# Ireport - Summe bilden von einzelnen Zeilen?



## darki (8. Mai 2008)

Hallo,

gibt es im ireport eine Möglichkeit der Summenbildung einzelner Zeilen?

Im Detailband hat man ja quasi x-werte in einer Zeile stehen. Die würde ich gern am Ende der Zeile addieren.
Ich mein, ich hab da schon angefangen. Das Problem ist aber, dass die Werte von Zeile zu Zeile nicht resettet werden.
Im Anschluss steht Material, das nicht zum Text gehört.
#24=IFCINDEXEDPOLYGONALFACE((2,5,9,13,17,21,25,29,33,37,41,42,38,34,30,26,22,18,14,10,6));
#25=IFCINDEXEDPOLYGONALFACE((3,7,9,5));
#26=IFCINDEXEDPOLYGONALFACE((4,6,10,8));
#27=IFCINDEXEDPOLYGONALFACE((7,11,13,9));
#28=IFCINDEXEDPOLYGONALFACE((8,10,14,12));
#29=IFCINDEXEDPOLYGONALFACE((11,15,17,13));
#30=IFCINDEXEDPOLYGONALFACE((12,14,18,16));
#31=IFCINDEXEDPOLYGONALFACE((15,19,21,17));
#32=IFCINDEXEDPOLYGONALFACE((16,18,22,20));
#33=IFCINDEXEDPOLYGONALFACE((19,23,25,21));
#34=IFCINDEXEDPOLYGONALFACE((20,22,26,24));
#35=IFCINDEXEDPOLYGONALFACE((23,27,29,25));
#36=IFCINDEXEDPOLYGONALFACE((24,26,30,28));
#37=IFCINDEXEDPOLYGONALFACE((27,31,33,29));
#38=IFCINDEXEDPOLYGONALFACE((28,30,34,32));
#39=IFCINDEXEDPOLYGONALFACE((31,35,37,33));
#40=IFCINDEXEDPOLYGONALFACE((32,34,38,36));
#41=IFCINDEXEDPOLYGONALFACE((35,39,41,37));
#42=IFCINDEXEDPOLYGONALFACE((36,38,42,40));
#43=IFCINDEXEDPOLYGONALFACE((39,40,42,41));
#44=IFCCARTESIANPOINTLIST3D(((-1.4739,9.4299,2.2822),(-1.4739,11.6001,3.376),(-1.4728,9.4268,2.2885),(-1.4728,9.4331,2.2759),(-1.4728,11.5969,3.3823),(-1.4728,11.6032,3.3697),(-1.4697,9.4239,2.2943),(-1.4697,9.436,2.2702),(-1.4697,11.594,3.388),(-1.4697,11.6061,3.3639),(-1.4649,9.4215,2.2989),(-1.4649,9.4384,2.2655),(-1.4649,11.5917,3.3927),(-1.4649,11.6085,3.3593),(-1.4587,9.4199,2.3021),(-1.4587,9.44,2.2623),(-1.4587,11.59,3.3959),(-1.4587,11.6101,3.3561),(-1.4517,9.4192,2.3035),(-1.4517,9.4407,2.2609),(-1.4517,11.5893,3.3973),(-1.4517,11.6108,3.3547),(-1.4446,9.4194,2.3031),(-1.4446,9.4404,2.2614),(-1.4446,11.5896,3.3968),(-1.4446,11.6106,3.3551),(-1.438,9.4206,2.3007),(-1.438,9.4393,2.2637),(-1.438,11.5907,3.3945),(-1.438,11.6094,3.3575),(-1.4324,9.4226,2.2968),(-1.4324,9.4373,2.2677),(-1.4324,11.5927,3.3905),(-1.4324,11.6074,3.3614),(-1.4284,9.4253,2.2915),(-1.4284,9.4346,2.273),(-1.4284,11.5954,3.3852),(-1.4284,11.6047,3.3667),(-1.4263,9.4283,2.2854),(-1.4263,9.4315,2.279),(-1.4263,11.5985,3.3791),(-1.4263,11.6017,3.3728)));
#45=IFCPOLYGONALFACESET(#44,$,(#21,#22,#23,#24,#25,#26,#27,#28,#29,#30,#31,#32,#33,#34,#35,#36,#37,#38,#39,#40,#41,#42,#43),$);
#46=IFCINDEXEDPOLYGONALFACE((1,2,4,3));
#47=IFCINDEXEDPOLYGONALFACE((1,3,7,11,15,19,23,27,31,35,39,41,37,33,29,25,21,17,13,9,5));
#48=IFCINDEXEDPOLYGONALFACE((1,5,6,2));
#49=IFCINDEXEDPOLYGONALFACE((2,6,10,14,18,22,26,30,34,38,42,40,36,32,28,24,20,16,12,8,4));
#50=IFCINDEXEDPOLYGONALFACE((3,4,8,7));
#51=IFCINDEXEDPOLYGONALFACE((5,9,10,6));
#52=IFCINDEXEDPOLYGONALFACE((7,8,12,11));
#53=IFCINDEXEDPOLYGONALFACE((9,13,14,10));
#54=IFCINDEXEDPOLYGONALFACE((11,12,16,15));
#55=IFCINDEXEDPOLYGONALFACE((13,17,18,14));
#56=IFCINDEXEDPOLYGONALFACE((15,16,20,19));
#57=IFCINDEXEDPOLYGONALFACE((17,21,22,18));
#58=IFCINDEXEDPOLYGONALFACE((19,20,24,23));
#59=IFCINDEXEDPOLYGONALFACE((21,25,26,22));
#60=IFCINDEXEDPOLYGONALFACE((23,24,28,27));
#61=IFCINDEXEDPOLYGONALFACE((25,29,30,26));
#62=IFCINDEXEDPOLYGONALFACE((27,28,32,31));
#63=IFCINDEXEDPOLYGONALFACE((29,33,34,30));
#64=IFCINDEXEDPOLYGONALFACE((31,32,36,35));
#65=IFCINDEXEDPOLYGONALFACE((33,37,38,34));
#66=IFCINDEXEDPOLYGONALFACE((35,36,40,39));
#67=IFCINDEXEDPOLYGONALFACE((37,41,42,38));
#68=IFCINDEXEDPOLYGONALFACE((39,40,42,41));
Ergo werden jedesmal die Zeilen nochmal addiert, so dass ich in der letzten Zeile (der Seite) die End-Summe stehen habe und nicht die Summe der einzelnen Zeile.

Zudem bräuchte ich noch einen Lösungsansatz für das Berechnen der Summen von Spalten. Also Double-Wert aus Zeile 1 plus Double-Wert Zeile 2 und so weiter...

Ich hoffe mein Anliegen wird einigermaßen klar ...  :autsch: 

Vielen Dank im voraus.
dark


----------



## foobar (8. Mai 2008)

Das kann man mit Report Groups lösen. Guck dir dazu mal die Beispiele von Jasper Reports an.


----------